Gotcha. I was expecting it to be like VW and have all the wiring there so the dealer could add things easily. On a side note, I just have Symphony I, as far as I can tell. Does the II state that on the unit, or do they all just say Symphony?


----------



## MikkiJayne (Jan 1, 2007)

*Re: (Snowhere)*

Sorry I meant Symphony anything. I think they both have the changer don't they? But, the II also can do phone integration I think.
Very confusing


----------



## BostonDriver (Oct 3, 2005)

A6 in 2001 was pre-wired for the CD changer, but the cable is tucked away very neatly. You need to ope up the cubby on the driver side rear, and look up into the cavity over the rear wheel well. Look for a foam-wrapped wire that is zip-tied to the fender supports, and that should be the 13-pin conector for the CD changer. My 2001 2.7T was pre-wired for the CD changer, as was my 2002 4.2. Audi removed the pre-wiring for the CD changer in 2003. FYI - It might be also mounted to the bracket that holds your tool tray.


_Modified by BostonDriver at 11:20 AM 7-22-2008_


----------



## Snowhere (Jul 27, 2007)

*Re: (BostonDriver)*

Thanks for the info Boston. I will have to search for it when I have some time this weekend. I still have not heard back from the seller if it is a 13 pin connector or not, but at least I know what to look for. http://****************.com/smile/emthup.gif


----------



## MikkiJayne (Jan 1, 2007)

*Re: (Snowhere)*

Ooh yeah thanks Boston http://****************.com/smile/emthup.gif I read what I posted on an Audio forum somewhere and asked the dealer who confirmed it. I guess they wanted $200 to fish the cable out and claim they fitted it!








I'll have a look for mine too


----------



## cd1121 (Sep 5, 2005)

*Re: Cd changer? (Snowhere)*

If you want you can buy mine. i don't ever use it. I had the I-pod put in, in place of the changer, so it's not even pluged in anymore.


----------



## Snowhere (Jul 27, 2007)

*Re: Cd changer? (cd1121)*

IM sent
Glenn


----------



## Snowhere (Jul 27, 2007)

*Re: Cd changer? (Snowhere)*

I finally looked for the connector and it was there, just not a thirteen pin, but a 25 pin connector. It looks like 18 pins +- are active. 

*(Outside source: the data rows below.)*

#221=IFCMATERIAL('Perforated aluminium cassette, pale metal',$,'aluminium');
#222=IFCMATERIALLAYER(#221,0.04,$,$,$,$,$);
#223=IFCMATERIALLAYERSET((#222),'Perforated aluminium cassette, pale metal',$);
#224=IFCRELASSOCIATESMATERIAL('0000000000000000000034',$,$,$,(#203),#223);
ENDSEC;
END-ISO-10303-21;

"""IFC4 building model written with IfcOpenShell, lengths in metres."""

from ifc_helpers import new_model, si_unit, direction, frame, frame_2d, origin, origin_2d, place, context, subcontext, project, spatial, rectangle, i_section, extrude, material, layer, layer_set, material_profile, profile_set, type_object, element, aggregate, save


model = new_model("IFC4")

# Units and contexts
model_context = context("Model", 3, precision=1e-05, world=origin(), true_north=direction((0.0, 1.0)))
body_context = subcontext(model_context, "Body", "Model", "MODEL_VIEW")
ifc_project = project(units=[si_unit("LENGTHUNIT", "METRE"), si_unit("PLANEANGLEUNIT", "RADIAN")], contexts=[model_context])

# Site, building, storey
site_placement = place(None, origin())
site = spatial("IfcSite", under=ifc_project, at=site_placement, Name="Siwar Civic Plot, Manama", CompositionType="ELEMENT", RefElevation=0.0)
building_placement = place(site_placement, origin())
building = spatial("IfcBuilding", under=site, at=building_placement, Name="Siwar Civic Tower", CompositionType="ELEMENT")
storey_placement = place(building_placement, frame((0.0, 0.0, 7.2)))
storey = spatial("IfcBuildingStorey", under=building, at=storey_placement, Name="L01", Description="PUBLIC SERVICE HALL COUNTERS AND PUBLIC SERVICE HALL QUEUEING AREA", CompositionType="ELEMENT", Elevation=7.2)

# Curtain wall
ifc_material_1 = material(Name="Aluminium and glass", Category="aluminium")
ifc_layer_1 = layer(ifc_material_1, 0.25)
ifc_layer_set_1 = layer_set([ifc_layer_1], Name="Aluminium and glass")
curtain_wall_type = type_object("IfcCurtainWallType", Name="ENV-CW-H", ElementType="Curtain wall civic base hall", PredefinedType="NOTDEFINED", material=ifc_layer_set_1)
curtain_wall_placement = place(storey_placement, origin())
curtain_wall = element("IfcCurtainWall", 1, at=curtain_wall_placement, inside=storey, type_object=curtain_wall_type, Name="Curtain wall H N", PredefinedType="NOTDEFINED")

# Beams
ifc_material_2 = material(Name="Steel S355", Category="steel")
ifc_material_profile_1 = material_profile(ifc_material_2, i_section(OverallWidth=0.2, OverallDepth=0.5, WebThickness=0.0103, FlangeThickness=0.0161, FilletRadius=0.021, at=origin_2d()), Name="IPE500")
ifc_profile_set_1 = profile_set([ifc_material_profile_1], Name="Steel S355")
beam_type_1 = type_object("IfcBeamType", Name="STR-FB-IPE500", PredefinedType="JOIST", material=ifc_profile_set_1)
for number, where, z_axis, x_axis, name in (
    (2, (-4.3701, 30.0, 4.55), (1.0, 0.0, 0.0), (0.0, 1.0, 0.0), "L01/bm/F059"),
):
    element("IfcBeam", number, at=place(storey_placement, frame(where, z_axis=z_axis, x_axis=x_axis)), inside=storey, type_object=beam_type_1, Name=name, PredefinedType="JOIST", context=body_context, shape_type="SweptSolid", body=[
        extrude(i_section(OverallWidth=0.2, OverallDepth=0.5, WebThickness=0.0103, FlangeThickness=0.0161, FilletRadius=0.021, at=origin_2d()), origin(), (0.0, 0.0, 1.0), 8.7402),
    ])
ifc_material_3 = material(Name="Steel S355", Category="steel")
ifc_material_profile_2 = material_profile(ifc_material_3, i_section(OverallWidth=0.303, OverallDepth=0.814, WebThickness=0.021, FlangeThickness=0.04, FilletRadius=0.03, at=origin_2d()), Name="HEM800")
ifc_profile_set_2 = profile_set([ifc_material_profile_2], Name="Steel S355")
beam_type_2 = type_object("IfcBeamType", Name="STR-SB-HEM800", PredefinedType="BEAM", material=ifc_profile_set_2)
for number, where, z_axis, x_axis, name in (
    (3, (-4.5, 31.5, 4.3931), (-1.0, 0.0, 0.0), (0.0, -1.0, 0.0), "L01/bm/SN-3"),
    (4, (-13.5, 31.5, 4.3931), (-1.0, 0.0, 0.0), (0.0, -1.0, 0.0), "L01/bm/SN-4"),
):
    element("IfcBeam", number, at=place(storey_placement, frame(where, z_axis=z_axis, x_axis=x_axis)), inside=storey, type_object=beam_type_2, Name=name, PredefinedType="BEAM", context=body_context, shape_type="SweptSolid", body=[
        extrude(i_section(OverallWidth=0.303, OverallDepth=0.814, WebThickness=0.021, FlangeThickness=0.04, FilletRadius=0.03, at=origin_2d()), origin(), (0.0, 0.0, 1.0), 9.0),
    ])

Any one else have this connector?


----------



## MikkiJayne (Jan 1, 2007)

*Re: Cd changer? (Snowhere)*

Ooh thats wierd. Looks like an old printer connector!


----------



## ironmule (Apr 11, 2008)

*Re: Cd changer? (MikkiJayne)*

i dont remember anything like that when i took out my changer, is that for the nav or old school phone? i remember a simple round plug design. i'll go check..


----------



## Snowhere (Jul 27, 2007)

*Re: Cd changer? (ironmule)*

It does look odd with that coaxial like cable. I will have to investigate more to see if there is any thing else hiding back there. This cable was wrapped in foam and zip tied to the tool bracket, just as Boston described. I did not see any other cable in the area, but this one was hidden pretty well. All I saw was the butt end of a factory zip tie pressed through the bracket to tell me that something was behind it.


_Modified by Snowhere at 9:52 PM 7-29-2008_


----------



## MikkiJayne (Jan 1, 2007)

*Re: Cd changer? (Snowhere)*

I had a good look today and there's nothing at all in mine








Looks like they didn't pre-wire UK cars.


_Modified by MikkiJayne at 10:25 PM 7-30-2008_


----------



## BostonDriver (Oct 3, 2005)

That DB25 connector is for the factory analog phone setup. Do you have a little phone icon and a R/T button on your steering wheel? I think that one is typically found in the upper right of the cubby, closer to the tail light. The CD-changer cable is usually found on the other side, closer to the rear wheel well and the rear passenger door.


----------



## Snowhere (Jul 27, 2007)

*Re: (BostonDriver)*

I do not have any icons on the wheel besides the horn icons, so the phone cable is just preinstalled from the factory. 
You are still talking about finding the cd changer cable in the same drivers side cubby, right? Because I assume the slot below the tool box is where the changer goes.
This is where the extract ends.